As I have done some review on your posts and my previous posts, I will not stand as firm as before about the USD and UST positions.
Yet how will the future trend is going is still subject to various "parallel futures".
Instead of doing simple projection, I guess we had better first review what had happened so far and what the government measures are attempting to do. Then maybe we can work out some possible scenarios on how people will respond.
Property cycle was the final straw on the camel's back; nevertheless, property cycle has appeared over decades and never has it be as destructive as the current time. The key issues, I persume, are as follows:
1. Fiat Money system;
2. The incomplete mobility of labour, money, information, and material;
3. Book value accounting system;
4. Risk spreading tools;
5. Prolonged loose interest rate.
All these combined together allows a country to print money without risking inflation as well as substantial depreciation of asset. As long as there are buyers, and as long as
the "lies" can continue, then there will be no problems.
But the realistic world will always tell the final truth eventually. Re-settlement occurs.
Once the accounting principle changes to mark-to-market, people will find that the lies cannot continue. It will trigger the distrust on various tools, including the risk spreading ones. Hence, it will trigger another cycle of depreciation. Cost of capital, despite the government efforts on manipulation, will be in fact risen in accordance with the new risk evaluation. Without further money as fuel, economy will slow down and even recess. Without free flow of labour, money, information and material, equilibrium cannot be reached. The cost paid for maintaining the imbalance will reflect eventually on the fiat money.

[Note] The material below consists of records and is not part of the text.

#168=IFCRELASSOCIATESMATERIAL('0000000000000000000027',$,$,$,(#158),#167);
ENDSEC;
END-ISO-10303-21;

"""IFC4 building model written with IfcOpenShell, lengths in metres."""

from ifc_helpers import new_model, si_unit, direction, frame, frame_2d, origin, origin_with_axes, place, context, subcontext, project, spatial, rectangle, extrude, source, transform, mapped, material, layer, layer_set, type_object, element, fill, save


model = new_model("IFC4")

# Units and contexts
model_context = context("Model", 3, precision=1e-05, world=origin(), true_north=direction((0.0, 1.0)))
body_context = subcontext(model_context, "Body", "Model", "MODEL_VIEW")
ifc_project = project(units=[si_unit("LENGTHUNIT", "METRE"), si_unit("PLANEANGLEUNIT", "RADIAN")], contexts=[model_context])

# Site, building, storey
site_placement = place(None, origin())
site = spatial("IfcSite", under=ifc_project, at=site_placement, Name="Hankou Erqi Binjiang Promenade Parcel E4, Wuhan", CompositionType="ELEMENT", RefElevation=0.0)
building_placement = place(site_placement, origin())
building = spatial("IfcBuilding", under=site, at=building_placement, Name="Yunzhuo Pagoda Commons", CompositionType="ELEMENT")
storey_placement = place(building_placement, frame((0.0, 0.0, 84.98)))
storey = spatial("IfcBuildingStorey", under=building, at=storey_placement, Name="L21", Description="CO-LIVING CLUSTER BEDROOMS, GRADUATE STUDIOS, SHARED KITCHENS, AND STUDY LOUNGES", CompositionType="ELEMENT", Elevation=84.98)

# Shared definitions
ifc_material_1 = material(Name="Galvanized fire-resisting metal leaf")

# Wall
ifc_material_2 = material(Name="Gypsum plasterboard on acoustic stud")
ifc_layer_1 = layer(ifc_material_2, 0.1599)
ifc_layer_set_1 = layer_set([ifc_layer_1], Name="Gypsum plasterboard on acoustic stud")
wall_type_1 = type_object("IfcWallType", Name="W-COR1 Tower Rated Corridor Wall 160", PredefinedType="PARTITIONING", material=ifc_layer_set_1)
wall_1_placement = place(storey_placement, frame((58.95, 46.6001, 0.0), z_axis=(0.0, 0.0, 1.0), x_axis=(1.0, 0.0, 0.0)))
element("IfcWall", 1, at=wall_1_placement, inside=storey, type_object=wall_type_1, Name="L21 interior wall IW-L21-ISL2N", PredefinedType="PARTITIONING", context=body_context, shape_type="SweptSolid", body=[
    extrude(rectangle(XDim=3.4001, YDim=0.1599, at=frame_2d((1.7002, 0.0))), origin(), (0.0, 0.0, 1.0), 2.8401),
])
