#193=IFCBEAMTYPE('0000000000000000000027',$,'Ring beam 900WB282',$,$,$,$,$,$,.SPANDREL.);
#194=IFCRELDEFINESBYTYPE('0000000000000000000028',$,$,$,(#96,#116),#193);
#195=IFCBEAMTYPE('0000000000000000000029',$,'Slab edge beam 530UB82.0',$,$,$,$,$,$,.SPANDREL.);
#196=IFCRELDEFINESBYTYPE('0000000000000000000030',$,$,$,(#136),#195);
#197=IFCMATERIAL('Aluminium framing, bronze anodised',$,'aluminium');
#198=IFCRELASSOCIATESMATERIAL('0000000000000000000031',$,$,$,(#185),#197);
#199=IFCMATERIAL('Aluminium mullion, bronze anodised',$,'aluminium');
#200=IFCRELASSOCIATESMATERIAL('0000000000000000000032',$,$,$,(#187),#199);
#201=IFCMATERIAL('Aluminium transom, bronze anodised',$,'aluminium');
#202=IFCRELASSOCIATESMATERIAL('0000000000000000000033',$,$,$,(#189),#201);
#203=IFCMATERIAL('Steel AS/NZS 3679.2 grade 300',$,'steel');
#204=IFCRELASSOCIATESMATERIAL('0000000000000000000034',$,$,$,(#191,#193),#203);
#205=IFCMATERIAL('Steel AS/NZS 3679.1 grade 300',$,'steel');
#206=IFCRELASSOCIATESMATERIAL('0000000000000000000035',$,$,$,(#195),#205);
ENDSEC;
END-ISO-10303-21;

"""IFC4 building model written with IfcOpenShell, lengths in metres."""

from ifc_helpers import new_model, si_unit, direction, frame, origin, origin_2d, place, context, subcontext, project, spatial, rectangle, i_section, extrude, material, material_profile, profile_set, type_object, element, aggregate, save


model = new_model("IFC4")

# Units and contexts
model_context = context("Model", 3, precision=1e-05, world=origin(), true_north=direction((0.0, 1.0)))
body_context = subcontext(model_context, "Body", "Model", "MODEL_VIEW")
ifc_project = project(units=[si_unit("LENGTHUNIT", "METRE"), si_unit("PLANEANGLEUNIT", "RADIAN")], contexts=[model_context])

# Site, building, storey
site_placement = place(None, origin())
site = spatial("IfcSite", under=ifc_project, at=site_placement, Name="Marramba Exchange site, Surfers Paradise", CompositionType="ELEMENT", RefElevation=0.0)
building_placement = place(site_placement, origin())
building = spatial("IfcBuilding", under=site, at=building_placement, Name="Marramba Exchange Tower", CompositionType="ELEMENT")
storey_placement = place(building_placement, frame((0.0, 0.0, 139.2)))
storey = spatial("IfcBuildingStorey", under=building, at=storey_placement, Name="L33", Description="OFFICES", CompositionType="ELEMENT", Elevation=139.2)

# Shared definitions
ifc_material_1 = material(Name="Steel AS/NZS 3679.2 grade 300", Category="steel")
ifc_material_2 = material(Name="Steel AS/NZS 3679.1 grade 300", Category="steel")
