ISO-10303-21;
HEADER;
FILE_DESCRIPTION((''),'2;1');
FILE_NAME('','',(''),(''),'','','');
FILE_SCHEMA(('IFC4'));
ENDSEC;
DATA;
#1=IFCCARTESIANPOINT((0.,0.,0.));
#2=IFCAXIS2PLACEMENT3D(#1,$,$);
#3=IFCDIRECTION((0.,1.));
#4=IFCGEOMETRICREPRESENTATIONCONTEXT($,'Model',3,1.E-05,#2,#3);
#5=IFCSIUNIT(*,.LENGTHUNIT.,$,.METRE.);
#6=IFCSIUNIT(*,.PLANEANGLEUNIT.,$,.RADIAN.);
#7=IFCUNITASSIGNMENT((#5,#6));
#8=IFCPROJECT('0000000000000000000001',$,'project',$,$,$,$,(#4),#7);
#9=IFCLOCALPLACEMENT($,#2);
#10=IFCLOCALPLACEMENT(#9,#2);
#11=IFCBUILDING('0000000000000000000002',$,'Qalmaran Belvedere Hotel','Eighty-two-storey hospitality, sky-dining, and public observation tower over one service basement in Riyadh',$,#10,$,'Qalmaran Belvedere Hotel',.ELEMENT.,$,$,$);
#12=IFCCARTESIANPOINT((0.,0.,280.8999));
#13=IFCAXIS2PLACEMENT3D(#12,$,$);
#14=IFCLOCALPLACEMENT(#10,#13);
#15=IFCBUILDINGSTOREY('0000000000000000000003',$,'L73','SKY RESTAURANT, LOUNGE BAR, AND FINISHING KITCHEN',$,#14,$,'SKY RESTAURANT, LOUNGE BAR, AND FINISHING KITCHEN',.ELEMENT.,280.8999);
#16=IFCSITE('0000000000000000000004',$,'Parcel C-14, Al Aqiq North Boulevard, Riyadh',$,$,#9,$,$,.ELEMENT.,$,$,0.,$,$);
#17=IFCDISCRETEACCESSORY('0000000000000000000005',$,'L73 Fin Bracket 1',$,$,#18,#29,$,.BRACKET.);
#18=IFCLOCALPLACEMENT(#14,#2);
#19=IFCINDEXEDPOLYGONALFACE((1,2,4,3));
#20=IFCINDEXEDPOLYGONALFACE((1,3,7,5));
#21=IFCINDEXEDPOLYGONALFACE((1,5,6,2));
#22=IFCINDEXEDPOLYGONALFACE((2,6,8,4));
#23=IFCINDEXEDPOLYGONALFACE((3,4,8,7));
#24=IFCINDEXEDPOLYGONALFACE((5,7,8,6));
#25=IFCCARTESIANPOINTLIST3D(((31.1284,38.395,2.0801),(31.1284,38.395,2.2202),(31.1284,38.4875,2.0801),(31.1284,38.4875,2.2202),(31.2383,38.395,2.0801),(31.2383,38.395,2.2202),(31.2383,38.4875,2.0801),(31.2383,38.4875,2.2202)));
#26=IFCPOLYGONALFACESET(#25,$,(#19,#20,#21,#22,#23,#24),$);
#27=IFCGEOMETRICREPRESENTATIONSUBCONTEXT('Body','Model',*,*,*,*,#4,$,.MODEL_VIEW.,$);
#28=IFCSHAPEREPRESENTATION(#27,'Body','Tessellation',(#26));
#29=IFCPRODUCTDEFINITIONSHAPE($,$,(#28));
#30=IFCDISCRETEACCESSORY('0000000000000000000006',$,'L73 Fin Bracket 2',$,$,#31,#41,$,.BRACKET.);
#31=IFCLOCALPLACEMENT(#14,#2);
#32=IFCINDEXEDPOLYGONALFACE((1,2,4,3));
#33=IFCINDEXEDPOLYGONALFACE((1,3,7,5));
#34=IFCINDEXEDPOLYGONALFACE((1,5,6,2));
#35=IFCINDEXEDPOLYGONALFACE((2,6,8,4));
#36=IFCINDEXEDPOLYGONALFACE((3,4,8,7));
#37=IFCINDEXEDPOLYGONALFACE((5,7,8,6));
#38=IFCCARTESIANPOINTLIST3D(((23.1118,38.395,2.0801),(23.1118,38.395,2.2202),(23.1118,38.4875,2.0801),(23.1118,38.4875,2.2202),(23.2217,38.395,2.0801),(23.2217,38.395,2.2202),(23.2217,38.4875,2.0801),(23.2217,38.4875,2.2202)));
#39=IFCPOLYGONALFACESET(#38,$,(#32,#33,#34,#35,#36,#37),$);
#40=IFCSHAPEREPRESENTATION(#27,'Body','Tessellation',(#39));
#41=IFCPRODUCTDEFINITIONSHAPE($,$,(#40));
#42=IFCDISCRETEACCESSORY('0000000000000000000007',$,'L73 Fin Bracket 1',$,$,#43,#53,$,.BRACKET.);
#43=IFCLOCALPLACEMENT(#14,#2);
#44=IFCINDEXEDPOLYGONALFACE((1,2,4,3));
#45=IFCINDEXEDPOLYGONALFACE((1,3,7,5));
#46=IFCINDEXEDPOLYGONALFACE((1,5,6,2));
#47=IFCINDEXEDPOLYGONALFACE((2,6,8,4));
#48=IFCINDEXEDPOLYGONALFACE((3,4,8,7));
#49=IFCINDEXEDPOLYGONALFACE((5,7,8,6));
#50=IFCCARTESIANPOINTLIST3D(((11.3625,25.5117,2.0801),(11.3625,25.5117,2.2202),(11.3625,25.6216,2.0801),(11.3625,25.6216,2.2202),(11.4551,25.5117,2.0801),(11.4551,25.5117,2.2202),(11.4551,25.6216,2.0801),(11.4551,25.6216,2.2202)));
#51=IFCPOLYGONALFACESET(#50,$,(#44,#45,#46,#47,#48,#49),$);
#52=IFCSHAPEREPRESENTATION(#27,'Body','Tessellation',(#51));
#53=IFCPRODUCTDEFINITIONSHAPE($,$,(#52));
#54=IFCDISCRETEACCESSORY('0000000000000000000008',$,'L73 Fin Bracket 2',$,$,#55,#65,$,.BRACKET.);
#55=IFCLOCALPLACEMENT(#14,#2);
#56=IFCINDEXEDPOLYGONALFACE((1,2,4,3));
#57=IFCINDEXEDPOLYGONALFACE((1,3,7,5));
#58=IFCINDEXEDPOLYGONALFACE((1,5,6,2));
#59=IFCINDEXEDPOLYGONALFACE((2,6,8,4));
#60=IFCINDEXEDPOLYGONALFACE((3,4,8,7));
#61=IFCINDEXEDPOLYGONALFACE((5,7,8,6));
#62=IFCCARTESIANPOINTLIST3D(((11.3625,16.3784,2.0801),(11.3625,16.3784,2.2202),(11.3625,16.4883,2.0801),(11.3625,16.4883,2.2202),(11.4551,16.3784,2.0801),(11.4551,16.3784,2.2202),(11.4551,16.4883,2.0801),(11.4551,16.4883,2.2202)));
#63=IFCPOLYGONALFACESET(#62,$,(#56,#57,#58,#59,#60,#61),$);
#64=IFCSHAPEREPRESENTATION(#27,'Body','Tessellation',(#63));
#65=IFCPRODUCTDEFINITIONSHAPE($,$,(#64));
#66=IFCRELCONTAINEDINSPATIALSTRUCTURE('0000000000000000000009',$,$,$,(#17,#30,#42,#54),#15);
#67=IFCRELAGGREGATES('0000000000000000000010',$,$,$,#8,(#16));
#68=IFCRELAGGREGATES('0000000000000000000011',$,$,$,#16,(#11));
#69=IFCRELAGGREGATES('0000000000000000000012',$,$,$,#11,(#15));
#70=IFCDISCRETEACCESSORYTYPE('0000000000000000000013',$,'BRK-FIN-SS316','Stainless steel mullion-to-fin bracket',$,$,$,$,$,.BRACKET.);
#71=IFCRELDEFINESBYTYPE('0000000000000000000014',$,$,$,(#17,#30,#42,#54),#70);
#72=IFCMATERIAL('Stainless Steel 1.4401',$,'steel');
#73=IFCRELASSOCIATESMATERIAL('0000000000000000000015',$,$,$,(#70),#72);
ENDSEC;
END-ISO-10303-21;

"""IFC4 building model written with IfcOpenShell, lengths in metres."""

from ifc_helpers import new_model, si_unit, direction, frame, origin, place, context, subcontext, project, spatial, polyline, outline, extrude, material, type_object, element, save


model = new_model("IFC4")

# Units and contexts
model_context = context("Model", 3, precision=1e-05, world=origin(), true_north=direction((0.0, 1.0)))
body_context = subcontext(model_context, "Body", "Model", "MODEL_VIEW")
ifc_project = project(units=[si_unit("LENGTHUNIT", "METRE"), si_unit("PLANEANGLEUNIT", "RADIAN")], contexts=[model_context])

# Site, building, storey
site_placement = place(None, origin())
site = spatial("IfcSite", under=ifc_project, at=site_placement, Name="Parcel C-14, Al Aqiq North Boulevard, Riyadh", CompositionType="ELEMENT", RefElevation=0.0)
building_placement = place(site_placement, origin())
building = spatial("IfcBuilding", under=site, at=building_placement, Name="Qalmaran Belvedere Hotel", Description="Eighty-two-storey hospitality, sky-dining, and public observation tower over one service basement in Riyadh", LongName="Qalmaran Belvedere Hotel", CompositionType="ELEMENT")
storey_placement = place(building_placement, frame((0.0, 0.0, 280.8999)))
storey = spatial("IfcBuildingStorey", under=building, at=storey_placement, Name="L73", Description="SKY RESTAURANT, LOUNGE BAR, AND FINISHING KITCHEN", LongName="SKY RESTAURANT, LOUNGE BAR, AND FINISHING KITCHEN", CompositionType="ELEMENT", Elevation=280.8999)

# Discrete accessories
ifc_material_1 = material(Name="Stainless Steel 1.4401", Category="steel")
discrete_accessory_type = type_object("IfcDiscreteAccessoryType", Name="BRK-FIN-SS316", Description="Stainless steel mullion-to-fin bracket", PredefinedType="BRACKET", material=ifc_material_1)
discrete_accessory_1_placement = place(storey_placement, frame((0.0, 0.0, 2.0801)))
element("IfcDiscreteAccessory", 1, at=discrete_accessory_1_placement, inside=storey, type_object=discrete_accessory_type, Name="L73 Fin Bracket 1", PredefinedType="BRACKET", context=body_context, shape_type="SweptSolid", body=[
    extrude(outline(polyline([(31.2383, 38.395), (31.2383, 38.4875), (31.1284, 38.4875), (31.1284, 38.395), (31.2383, 38.395)])), origin(), (0.0, 0.0, 1.0), 0.1401),
])
discrete_accessory_2_placement = place(storey_placement, frame((0.0, 0.0, 2.0801)))
element("IfcDiscreteAccessory", 2, at=discrete_accessory_2_placement, inside=storey, type_object=discrete_accessory_type, Name="L73 Fin Bracket 2", PredefinedType="BRACKET", context=body_context, shape_type="SweptSolid", body=[
    extrude(outline(polyline([(23.2217, 38.395), (23.2217, 38.4875), (23.1118, 38.4875), (23.1118, 38.395), (23.2217, 38.395)])), origin(), (0.0, 0.0, 1.0), 0.1401),
])
discrete_accessory_3_placement = place(storey_placement, frame((0.0, 0.0, 2.0801)))
element("IfcDiscreteAccessory", 3, at=discrete_accessory_3_placement, inside=storey, type_object=discrete_accessory_type, Name="L73 Fin Bracket 1", PredefinedType="BRACKET", context=body_context, shape_type="SweptSolid", body=[
    extrude(outline(polyline([(11.4551, 25.6216), (11.3625, 25.6216), (11.3625, 25.5117), (11.4551, 25.5117), (11.4551, 25.6216)])), origin(), (0.0, 0.0, 1.0), 0.1401),
])
discrete_accessory_4_placement = place(storey_placement, frame((0.0, 0.0, 2.0801)))
element("IfcDiscreteAccessory", 4, at=discrete_accessory_4_placement, inside=storey, type_object=discrete_accessory_type, Name="L73 Fin Bracket 2", PredefinedType="BRACKET", context=body_context, shape_type="SweptSolid", body=[
    extrude(outline(polyline([(11.4551, 16.4883), (11.3625, 16.4883), (11.3625, 16.3784), (11.4551, 16.3784), (11.4551, 16.4883)])), origin(), (0.0, 0.0, 1.0), 0.1401),
])

save(model, "model.ifc")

Now most of the government measures attempt to
1. Lower the cost of capital,
2. Re-installinig the risk spreading model,
3. Continuing the lies.so as to continue the old system. In other words, none of them are trying to create new value (and hence bring "real" increase on GDP).
However, the trick is hard to continue because risk spreading tools are no longer be trusted. Risk evaluation re-settled at the reasonable level. As a result:
1. Banks are unwilling to loan to both individuals and business;
2. Individuals are unwilling to purchase and particularly purchase on loans;
3. Companies are unwilling to expand and face difficulties on maintaining cash flow.
Under such situation, in order to complete the goal, government can only
1. Force the banks to do loans (by taking over, by providing incentives like guarantee and free money),
2. Force people to consume (by punishing deposit, by providing coupons, by providing more social welfare, by providing coverage on mortgages, and by providing jobs through infra-structural projects).
But each of those can lead to the following possibilities:
1. For the bank parts, it can either lead to
a. no actual increase on loans to direct customers but use the cheap money for buying back some on-the-book safe assets like treasuries and bonds. But the actual rsk is not as low as those tools persume. It will not benefit individuals and enterprises, and in the long term it will put the bank assets at risk.
b. increases on loans due to orders. But meanwhile bad debt will also increase because of loosen standards. Due to unclear vision on the future, the borrowed money will be used on maintaining current business, paying off debts, and short-term speculation. None of them will benefit the economy, and will initiate another wave of first inflation and then bubble burst.
2. For the individual parts, it can
a. save the money for themselves and use the benefit. Consumption cannot be enhanced.
b. use the money for short-term speculation due to unclear vision.
From both situations, the most important part is the vision to the future. Without a clear expectation on the future, any financial stimuli will not result in enhancement on both productions and consumptions. It will further worsen the already unfair wealth distribution as well as the lack of circulating money. Or, it will circulate to short-term projects or government designated projects: both of them will result in first inflation (or even hyper-inflation) and then burst of bubble.